If your laptop has an NVIDIA GPU with ≥16GB VRAM (RTX 4080+, M-series with Metal Performance Shaders, AMD with ROCm), yes — same commands, no SLURM. Performance is comparable to one A100 for depth 4. The HPC etiquette section doesn't apply; everything else does.
I'm getting OOM on the GPU. What do I lower?
In order: --device-batch-size (halve it), then --seq-len (cut to 512), then --depth (down to 4). The repo has a --gradient-accumulation flag that trades wall-clock for memory — set it to 4 and you can usually fit a depth-8 model on an A100.
Where does Lab 03 connect to the rest of the course?

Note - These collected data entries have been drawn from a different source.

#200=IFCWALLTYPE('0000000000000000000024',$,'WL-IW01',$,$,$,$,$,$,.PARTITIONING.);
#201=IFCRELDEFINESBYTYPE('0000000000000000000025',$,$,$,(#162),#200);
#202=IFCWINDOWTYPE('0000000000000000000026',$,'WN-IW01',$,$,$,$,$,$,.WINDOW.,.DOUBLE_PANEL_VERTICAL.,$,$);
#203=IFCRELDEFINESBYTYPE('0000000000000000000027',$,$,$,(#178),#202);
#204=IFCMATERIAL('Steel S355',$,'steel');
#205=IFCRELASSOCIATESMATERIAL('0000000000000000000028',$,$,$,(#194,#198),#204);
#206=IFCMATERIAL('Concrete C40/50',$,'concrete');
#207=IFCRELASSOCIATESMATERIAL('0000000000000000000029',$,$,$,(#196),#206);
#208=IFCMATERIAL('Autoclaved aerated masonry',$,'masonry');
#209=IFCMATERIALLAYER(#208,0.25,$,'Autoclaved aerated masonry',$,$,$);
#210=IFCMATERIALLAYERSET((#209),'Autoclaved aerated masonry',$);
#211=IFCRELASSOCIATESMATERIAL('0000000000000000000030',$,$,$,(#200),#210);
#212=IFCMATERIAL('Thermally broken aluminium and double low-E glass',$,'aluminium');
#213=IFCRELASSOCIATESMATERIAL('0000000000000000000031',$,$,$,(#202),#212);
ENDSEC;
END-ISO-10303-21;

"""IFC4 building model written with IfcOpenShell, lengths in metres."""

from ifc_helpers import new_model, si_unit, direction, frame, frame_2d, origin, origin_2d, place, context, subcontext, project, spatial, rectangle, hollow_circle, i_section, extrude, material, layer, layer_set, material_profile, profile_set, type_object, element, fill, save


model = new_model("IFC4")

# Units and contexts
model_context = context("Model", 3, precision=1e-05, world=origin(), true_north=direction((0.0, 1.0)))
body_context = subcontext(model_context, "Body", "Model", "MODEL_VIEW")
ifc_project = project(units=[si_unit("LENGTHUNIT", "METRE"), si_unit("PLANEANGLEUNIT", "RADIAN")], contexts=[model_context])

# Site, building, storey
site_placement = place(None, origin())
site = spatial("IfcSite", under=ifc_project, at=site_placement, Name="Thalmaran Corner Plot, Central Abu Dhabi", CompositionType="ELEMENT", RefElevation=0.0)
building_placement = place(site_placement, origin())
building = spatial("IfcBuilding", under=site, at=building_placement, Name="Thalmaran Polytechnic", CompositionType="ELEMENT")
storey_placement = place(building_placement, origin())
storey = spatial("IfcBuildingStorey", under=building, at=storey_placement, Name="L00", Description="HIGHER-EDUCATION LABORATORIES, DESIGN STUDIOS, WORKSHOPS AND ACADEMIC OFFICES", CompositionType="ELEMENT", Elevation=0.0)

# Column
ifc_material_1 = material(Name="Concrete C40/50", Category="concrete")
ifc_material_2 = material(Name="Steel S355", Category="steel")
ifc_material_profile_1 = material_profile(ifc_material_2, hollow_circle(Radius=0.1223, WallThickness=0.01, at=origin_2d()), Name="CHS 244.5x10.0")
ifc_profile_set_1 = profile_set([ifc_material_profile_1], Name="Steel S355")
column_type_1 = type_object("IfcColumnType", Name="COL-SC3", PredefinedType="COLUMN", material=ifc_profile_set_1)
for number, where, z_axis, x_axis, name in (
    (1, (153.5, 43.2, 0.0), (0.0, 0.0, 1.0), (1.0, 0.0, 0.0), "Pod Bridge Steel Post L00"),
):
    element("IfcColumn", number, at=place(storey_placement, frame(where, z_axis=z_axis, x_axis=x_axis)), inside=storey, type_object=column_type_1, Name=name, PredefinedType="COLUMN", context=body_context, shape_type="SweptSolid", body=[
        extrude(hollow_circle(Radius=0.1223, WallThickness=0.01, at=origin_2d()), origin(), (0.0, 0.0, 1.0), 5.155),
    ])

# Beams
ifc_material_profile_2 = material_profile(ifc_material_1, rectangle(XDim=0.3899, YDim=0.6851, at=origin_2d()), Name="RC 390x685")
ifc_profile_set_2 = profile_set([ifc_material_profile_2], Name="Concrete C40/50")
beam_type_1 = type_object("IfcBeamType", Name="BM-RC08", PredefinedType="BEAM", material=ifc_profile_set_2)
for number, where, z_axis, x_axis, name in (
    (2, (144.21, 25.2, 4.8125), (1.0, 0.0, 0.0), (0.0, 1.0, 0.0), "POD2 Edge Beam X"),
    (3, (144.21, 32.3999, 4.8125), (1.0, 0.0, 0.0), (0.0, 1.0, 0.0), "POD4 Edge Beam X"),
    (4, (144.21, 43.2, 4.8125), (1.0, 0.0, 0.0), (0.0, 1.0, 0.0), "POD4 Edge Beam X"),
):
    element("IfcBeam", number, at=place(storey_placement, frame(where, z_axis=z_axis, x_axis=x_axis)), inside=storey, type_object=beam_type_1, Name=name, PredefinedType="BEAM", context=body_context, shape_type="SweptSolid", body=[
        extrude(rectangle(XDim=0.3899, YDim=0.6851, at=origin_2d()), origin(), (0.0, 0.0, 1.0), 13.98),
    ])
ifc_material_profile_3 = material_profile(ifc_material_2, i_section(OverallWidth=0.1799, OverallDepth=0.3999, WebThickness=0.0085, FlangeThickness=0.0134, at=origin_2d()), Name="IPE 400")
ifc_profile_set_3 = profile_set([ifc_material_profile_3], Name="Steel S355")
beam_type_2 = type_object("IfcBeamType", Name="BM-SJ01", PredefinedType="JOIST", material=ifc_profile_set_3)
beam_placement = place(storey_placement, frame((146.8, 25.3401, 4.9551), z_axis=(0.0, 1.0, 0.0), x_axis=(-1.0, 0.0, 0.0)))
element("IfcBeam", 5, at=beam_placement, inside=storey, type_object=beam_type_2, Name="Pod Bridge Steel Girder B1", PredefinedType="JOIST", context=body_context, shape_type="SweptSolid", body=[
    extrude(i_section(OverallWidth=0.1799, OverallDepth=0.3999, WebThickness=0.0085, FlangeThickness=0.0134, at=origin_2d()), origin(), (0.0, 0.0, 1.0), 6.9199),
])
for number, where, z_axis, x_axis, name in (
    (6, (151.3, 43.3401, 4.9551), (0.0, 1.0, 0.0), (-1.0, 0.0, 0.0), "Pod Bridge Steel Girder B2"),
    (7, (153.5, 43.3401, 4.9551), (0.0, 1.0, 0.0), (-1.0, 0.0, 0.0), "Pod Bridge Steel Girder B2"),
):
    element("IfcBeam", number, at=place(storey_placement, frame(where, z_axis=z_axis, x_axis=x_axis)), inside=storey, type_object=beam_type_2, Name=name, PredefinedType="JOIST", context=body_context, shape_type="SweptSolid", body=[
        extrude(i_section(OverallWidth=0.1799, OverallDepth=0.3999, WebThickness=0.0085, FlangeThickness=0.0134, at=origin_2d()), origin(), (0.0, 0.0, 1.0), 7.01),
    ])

This is the "build" foundation for everything LLM-shaped in the course. Lab 04 (microagent) builds a tiny agent on top of a model like this one. Lab 05 (attacking AI agents) targets exactly that agent. Lab 06 (microMCP) builds the tool-protocol layer underneath; Lab 07 (attacking MCP) attacks that protocol. Lab 11 (unaligned models) starts from a model like the one you trained here. Labs 12–13 (deployment) put a chat-model-shaped object behind a hardened service. Lab 10 (agentic pentest) uses an externally-hosted model but the architecture is what you just built.